As lagoas costeiras (Figura 1) são ecossistemas que apresentam grande importância para o ser humano em função de uma série de serviços, como: lazer, controle de inundações, recepção de esgoto doméstico e rejeito industrial, beleza cênica e harmonia paisagística; podendo valorizar a região geográfica em que se encontra. Apesar de serem encontradas em toda costa brasileira, sua presença se destaca nos estados do Rio de Janeiro e do Rio Grande do Sul.
Figura 1: Lagoas costeiras do litoral norte do estado do Rio de janeiro: (a) Imboassica, lagoa impactada localizada na região metropolitana de Macaé/ (b) Cabiúnas, localizada relativamente preservada, localizado no PARNA de Jurubatiba; (c) Comprida, lagoa bem preservada localizada no PARNA de Jurubatiba; (d) Carapebus, lagoa sujeita a impactos, localizada no PARNA de Jurubatiba
Essas ações desenvolvidas nas lagoas costeiras podem modificar esses ecossistemas, acarretando consideráveis perdas quanto às questões ecológicas, sanitárias, sociais e econômicas. Um exemplo são as lagoas costeiras do litoral norte do estado do Rio de Janeiro. Essas lagoas apresentam um impressionante espectro de variação dos valores de salinidade, além da quantidade e qualidade de matéria orgânica (MO), observado pelo gradiente de coloração das suas águas, variando de um amarelo claro a um marrom intenso (coloração de chá).
Tais características conferem às lagoas costeiras do norte do estado do Rio Janeiro importância socioeconômica e ecológica bastante relevante, tornando-as importantes laboratórios para estudos ecológicos e biogeoquímicos. Estes estudos possibilitam o entendimento de diversas alterações em processos naturais sujeitos às ações antrópicas, ou seja, ações relacionadas a atividades humanas.

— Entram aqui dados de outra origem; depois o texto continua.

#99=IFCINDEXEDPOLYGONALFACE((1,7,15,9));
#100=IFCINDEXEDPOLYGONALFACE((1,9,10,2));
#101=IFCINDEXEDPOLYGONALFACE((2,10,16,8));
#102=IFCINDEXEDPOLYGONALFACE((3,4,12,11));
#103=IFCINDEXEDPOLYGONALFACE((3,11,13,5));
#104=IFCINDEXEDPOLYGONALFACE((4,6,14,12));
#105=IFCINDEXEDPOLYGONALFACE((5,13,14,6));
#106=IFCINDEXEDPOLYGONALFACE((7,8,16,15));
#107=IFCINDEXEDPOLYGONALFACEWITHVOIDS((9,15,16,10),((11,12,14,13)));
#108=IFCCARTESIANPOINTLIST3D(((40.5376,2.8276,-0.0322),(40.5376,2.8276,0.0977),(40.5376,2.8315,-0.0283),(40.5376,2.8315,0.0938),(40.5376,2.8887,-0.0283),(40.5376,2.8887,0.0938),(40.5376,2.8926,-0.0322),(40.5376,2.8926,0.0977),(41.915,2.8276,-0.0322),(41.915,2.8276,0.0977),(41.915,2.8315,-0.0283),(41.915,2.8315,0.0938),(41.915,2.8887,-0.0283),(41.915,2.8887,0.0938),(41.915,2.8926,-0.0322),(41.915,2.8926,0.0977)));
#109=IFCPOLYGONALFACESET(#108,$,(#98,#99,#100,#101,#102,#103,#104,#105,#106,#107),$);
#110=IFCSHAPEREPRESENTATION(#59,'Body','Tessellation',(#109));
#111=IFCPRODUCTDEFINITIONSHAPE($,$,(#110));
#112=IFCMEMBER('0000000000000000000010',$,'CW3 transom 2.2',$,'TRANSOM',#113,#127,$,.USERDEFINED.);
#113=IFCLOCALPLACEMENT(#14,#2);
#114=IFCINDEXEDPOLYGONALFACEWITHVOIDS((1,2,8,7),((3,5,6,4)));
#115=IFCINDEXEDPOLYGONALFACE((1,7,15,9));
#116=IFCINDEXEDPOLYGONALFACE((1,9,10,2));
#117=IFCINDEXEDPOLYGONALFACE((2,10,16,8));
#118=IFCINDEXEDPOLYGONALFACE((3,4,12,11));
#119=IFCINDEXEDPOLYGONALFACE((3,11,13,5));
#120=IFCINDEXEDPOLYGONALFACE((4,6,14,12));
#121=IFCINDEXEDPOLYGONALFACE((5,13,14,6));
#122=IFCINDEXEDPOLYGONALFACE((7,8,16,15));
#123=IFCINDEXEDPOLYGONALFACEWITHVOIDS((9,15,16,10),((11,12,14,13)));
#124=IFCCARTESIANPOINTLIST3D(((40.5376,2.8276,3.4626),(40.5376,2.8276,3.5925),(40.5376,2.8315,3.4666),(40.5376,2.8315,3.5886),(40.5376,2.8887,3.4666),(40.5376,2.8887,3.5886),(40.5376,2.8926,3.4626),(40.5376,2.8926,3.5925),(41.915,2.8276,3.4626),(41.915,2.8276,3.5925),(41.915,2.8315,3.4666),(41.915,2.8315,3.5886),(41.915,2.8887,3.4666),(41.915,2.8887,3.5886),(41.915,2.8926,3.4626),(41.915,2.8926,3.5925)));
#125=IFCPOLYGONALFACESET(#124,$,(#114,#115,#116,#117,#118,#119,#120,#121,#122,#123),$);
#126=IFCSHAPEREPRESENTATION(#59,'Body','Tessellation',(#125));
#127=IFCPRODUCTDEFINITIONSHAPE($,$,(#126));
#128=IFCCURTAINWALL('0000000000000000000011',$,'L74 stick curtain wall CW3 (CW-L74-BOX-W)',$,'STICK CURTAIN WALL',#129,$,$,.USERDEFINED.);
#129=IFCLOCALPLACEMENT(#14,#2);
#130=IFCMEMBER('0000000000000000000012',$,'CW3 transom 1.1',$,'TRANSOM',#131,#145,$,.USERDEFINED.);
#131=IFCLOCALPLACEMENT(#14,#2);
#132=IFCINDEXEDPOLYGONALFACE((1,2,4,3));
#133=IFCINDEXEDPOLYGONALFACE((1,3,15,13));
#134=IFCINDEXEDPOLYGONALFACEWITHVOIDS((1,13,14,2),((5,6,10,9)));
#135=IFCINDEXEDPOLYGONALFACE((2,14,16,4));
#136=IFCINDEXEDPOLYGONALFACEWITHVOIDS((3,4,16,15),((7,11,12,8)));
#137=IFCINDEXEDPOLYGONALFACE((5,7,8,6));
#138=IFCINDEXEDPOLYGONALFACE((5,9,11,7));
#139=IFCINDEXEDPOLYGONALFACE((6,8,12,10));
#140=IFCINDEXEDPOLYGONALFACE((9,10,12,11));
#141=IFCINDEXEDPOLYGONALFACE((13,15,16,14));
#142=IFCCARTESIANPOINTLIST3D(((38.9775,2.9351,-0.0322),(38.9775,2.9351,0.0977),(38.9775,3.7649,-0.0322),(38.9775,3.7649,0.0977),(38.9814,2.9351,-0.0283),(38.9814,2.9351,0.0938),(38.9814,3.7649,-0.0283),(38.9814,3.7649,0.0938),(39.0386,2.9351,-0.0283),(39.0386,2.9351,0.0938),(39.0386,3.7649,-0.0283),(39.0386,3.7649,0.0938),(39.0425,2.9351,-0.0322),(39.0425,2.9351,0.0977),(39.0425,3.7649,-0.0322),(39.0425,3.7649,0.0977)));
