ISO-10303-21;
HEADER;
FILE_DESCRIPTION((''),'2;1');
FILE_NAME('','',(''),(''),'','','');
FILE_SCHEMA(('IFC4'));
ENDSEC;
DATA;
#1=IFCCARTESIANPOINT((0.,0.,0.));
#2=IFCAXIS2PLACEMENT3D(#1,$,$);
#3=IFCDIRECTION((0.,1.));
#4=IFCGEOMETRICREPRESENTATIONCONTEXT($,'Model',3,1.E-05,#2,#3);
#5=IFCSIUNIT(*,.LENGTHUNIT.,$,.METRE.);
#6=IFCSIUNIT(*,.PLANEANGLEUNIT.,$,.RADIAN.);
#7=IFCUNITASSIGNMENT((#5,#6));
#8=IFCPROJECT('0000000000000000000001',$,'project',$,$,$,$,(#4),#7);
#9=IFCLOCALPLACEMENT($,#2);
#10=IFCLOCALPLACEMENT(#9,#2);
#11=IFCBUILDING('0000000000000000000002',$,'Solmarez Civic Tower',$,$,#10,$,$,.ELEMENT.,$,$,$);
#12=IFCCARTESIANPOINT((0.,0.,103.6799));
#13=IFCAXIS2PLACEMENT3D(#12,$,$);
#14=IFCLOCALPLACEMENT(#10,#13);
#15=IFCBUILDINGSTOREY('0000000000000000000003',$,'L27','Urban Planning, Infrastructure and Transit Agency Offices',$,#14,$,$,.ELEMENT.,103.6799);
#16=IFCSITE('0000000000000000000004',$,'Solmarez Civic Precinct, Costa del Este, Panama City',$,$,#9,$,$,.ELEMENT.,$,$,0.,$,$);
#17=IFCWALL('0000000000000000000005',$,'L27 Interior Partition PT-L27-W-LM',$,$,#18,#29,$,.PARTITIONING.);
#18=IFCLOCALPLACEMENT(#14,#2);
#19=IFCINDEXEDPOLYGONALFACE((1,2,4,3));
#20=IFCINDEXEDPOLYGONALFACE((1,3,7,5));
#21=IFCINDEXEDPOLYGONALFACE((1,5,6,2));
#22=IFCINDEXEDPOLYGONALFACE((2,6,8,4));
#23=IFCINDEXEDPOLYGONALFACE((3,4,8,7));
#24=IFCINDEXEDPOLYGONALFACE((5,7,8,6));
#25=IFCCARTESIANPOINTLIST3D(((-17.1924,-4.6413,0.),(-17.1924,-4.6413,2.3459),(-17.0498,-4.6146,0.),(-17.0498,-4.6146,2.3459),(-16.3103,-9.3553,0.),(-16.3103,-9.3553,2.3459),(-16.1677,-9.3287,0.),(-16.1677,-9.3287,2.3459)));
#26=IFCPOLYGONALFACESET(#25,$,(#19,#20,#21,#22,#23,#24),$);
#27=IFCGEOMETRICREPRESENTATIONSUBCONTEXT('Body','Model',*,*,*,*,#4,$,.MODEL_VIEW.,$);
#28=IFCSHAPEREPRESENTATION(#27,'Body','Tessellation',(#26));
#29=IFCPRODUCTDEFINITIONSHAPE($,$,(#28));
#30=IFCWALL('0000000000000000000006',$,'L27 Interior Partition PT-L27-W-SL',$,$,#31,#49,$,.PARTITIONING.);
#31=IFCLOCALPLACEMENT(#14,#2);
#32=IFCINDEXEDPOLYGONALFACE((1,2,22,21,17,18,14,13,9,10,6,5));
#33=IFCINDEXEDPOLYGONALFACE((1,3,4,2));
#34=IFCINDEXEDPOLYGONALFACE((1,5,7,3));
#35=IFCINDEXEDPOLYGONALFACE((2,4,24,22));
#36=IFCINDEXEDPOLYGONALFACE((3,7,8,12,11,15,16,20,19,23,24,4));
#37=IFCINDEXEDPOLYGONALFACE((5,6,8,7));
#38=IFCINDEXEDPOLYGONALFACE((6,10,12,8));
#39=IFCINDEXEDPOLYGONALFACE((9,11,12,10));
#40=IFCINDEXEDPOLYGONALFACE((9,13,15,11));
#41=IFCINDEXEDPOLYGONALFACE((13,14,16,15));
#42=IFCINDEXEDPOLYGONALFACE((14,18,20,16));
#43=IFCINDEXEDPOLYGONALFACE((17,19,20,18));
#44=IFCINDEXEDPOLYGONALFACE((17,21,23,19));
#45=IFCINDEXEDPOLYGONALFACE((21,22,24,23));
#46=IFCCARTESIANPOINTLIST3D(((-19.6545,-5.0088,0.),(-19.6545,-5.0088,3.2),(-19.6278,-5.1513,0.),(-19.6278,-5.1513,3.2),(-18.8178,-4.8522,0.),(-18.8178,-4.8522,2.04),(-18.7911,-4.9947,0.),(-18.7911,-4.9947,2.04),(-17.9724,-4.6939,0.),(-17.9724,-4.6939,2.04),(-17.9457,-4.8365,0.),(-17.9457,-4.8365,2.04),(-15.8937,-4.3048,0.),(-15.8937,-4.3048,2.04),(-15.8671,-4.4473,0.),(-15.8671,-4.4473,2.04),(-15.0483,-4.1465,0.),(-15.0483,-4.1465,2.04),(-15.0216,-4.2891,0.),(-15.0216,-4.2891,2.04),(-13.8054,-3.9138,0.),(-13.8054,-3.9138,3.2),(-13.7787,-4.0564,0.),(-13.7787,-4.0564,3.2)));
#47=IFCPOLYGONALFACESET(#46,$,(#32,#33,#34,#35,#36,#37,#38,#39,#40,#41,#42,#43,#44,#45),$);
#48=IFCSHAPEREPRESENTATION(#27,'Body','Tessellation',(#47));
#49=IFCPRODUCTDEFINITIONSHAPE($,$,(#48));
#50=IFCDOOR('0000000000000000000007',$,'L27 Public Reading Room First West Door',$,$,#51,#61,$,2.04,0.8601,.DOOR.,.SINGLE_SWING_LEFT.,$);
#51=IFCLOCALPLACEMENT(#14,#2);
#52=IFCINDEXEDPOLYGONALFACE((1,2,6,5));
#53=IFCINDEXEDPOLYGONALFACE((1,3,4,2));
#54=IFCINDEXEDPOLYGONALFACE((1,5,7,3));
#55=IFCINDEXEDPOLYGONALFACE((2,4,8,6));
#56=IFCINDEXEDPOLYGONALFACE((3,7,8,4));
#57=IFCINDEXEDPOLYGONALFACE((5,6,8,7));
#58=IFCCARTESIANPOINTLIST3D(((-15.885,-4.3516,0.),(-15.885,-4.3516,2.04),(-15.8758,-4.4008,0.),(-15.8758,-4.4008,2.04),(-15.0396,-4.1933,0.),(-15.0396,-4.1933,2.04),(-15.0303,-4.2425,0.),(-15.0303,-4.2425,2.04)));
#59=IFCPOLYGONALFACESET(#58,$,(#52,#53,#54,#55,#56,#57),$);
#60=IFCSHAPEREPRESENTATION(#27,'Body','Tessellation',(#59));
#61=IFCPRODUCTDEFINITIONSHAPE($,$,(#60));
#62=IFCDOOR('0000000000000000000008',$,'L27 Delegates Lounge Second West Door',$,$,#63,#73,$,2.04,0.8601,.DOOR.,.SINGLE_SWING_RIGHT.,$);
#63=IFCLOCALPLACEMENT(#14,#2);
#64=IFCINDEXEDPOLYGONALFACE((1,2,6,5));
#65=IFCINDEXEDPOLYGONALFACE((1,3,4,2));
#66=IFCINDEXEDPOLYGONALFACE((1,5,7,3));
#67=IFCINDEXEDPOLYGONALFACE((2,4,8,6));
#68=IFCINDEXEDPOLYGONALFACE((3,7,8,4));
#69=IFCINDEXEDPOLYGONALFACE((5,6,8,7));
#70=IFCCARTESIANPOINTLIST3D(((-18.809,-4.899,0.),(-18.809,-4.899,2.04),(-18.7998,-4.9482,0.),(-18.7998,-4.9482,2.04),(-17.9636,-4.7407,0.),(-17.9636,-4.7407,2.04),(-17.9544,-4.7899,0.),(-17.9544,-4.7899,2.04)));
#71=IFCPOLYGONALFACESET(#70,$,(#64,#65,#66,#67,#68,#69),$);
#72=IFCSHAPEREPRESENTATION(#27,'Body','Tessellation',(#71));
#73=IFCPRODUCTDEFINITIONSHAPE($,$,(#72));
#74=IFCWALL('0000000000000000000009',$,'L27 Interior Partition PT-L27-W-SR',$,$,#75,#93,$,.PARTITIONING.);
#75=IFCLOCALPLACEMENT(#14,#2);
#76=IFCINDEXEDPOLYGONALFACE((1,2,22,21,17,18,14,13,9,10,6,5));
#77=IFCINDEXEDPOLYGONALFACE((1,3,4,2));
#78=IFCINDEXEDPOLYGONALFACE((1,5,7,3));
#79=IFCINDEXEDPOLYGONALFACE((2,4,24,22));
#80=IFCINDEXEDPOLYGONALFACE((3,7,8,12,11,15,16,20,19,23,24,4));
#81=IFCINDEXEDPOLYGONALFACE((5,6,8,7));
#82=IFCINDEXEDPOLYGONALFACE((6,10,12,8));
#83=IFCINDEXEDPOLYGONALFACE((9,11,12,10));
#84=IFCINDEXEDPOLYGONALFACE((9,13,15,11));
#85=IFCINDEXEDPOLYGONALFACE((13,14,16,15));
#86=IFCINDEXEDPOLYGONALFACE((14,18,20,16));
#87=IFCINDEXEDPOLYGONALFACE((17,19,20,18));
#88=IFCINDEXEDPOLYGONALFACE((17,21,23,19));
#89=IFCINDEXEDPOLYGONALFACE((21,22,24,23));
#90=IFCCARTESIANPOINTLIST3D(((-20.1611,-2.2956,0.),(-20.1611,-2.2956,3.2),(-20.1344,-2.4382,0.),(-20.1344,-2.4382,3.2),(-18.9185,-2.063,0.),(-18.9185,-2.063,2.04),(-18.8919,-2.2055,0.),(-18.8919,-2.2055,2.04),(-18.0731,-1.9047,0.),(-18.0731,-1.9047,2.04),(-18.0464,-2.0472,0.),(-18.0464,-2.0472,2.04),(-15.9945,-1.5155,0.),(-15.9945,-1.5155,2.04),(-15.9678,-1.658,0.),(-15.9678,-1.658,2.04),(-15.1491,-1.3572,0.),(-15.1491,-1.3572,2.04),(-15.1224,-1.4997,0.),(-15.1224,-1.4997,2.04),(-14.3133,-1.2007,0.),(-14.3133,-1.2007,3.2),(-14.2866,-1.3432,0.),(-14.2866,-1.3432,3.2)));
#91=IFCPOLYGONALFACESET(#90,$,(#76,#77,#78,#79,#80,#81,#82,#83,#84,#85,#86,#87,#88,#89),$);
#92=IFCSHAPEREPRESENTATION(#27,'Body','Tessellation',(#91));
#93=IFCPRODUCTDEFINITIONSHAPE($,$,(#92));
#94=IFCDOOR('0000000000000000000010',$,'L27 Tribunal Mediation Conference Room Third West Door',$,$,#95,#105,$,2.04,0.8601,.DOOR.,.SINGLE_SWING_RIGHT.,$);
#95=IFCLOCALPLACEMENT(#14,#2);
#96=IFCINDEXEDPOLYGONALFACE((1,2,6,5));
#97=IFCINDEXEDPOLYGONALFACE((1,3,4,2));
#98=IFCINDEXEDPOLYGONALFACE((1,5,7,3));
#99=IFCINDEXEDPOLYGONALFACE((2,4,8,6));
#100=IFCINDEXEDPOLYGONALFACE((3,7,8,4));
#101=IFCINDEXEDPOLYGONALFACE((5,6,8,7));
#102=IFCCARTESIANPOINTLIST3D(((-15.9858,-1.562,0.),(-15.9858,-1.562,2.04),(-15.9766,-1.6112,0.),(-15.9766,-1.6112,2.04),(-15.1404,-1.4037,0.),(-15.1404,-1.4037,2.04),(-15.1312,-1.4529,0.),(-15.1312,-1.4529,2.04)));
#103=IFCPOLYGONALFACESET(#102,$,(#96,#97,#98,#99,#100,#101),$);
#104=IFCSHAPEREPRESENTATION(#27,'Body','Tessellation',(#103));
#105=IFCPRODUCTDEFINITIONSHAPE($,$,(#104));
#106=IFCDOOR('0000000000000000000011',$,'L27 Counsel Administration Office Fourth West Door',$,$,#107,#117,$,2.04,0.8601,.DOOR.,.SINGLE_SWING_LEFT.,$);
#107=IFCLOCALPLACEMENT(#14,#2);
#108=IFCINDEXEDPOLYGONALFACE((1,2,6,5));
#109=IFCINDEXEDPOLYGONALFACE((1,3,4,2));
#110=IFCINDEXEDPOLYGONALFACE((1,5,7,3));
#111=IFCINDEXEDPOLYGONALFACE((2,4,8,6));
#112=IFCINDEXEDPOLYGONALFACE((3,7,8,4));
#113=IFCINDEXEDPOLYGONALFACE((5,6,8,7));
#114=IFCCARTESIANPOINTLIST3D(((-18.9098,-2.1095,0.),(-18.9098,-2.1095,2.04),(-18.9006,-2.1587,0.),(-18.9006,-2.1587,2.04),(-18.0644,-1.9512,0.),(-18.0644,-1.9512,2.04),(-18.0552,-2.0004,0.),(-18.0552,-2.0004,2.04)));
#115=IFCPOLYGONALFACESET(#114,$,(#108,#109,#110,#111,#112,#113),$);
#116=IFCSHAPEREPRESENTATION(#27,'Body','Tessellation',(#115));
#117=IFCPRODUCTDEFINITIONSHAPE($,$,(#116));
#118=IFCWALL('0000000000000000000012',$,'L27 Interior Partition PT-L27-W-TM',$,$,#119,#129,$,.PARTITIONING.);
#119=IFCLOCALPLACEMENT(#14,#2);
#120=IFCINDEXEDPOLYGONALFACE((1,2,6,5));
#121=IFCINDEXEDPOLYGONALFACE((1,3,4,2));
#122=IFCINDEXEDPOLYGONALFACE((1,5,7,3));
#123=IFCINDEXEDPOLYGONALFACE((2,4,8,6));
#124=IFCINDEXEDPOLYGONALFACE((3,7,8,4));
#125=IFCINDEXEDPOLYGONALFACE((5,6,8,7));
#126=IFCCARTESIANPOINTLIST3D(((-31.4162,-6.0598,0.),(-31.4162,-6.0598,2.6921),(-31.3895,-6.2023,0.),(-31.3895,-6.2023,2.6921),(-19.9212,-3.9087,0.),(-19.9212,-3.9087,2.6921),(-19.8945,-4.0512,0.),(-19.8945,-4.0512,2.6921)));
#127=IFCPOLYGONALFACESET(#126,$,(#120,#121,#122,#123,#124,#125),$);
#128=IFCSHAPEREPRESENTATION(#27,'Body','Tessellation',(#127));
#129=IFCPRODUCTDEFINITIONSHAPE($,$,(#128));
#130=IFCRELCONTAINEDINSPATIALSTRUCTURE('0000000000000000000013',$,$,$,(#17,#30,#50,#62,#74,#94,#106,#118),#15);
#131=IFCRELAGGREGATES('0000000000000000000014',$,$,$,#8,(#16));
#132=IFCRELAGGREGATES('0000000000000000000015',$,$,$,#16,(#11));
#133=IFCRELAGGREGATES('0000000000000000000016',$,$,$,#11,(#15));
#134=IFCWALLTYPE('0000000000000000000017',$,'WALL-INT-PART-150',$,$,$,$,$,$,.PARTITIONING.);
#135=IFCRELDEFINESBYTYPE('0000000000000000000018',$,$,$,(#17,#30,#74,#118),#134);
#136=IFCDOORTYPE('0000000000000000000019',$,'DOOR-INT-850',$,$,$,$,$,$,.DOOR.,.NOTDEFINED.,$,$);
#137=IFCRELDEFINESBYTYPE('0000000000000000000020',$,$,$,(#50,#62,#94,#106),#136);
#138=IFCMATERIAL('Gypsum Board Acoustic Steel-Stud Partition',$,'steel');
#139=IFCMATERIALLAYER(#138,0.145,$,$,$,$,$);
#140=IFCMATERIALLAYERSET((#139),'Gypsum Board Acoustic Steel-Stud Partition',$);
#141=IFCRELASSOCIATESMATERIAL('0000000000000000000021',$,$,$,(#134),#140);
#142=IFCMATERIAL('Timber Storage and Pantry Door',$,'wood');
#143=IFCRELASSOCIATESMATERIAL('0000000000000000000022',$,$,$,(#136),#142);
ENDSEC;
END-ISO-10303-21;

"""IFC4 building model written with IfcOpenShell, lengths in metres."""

from ifc_helpers import new_model, si_unit, direction, frame, frame_2d, origin, place, context, subcontext, project, spatial, rectangle, extrude, material, layer, layer_set, type_object, element, fill, save


model = new_model("IFC4")

# Units and contexts
model_context = context("Model", 3, precision=1e-05, world=origin(), true_north=direction((0.0, 1.0)))
body_context = subcontext(model_context, "Body", "Model", "MODEL_VIEW")
ifc_project = project(units=[si_unit("LENGTHUNIT", "METRE"), si_unit("PLANEANGLEUNIT", "RADIAN")], contexts=[model_context])

# Site, building, storey
site_placement = place(None, origin())
site = spatial("IfcSite", under=ifc_project, at=site_placement, Name="Solmarez Civic Precinct, Costa del Este, Panama City", CompositionType="ELEMENT", RefElevation=0.0)
building_placement = place(site_placement, origin())
building = spatial("IfcBuilding", under=site, at=building_placement, Name="Solmarez Civic Tower", CompositionType="ELEMENT")
storey_placement = place(building_placement, frame((0.0, 0.0, 103.6799)))
storey = spatial("IfcBuildingStorey", under=building, at=storey_placement, Name="L27", Description="Urban Planning, Infrastructure and Transit Agency Offices", CompositionType="ELEMENT", Elevation=103.6799)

Dentre os impactos a que esses ecossistemas estão sujeitos, um dos mais relevantes quanto à alteração da qualidade da água e perda de qualidade ecológica, é o lançamento de esgoto sem tratamento. Com o aporte de nutrientes em grandes quantidades, presentes no esgoto, principalmente sob a forma de nitrogênio (N) e de fósforo (P), frequentemente se observa a ocorrência do processo de eutrofização artificial. Nessas condições, tende a ocorrer quebra relativa da estabilidade do ecossistema. Profundas mudanças no metabolismo de todo o ecossistema acompanham esse desequilíbrio ecológico, como:
- Provocar de imediato um efeito sobre a densidade da comunidade fitoplanctônica (algas microscópicas), ou seja, sua intensa proliferação (Figura 2). Nos ambientes tropicais, esse efeito se potencializa, pois não existe limitação de luz ou temperatura o ano todo, condições essenciais para o desenvolvimento destes organismos;
- No caso de ambientes rasos, como as lagoas costeiras, além da comunidade fitoplanctônica, pode-se observar considerável efeito sobre a comunidade de macrófitas aquáticas (plantas aquáticas – Figura 3).
Figura 2: Atividade de monitoramento na lagoa Imboassica. Pode-se observar o aumento da densidade da comunidade fitoplanctônica, em função do aumento da turbidez da água e a coloração verde característica.
Figura 3: Banco da macrófita aquática conhecida como Taboa (Typha domingensis).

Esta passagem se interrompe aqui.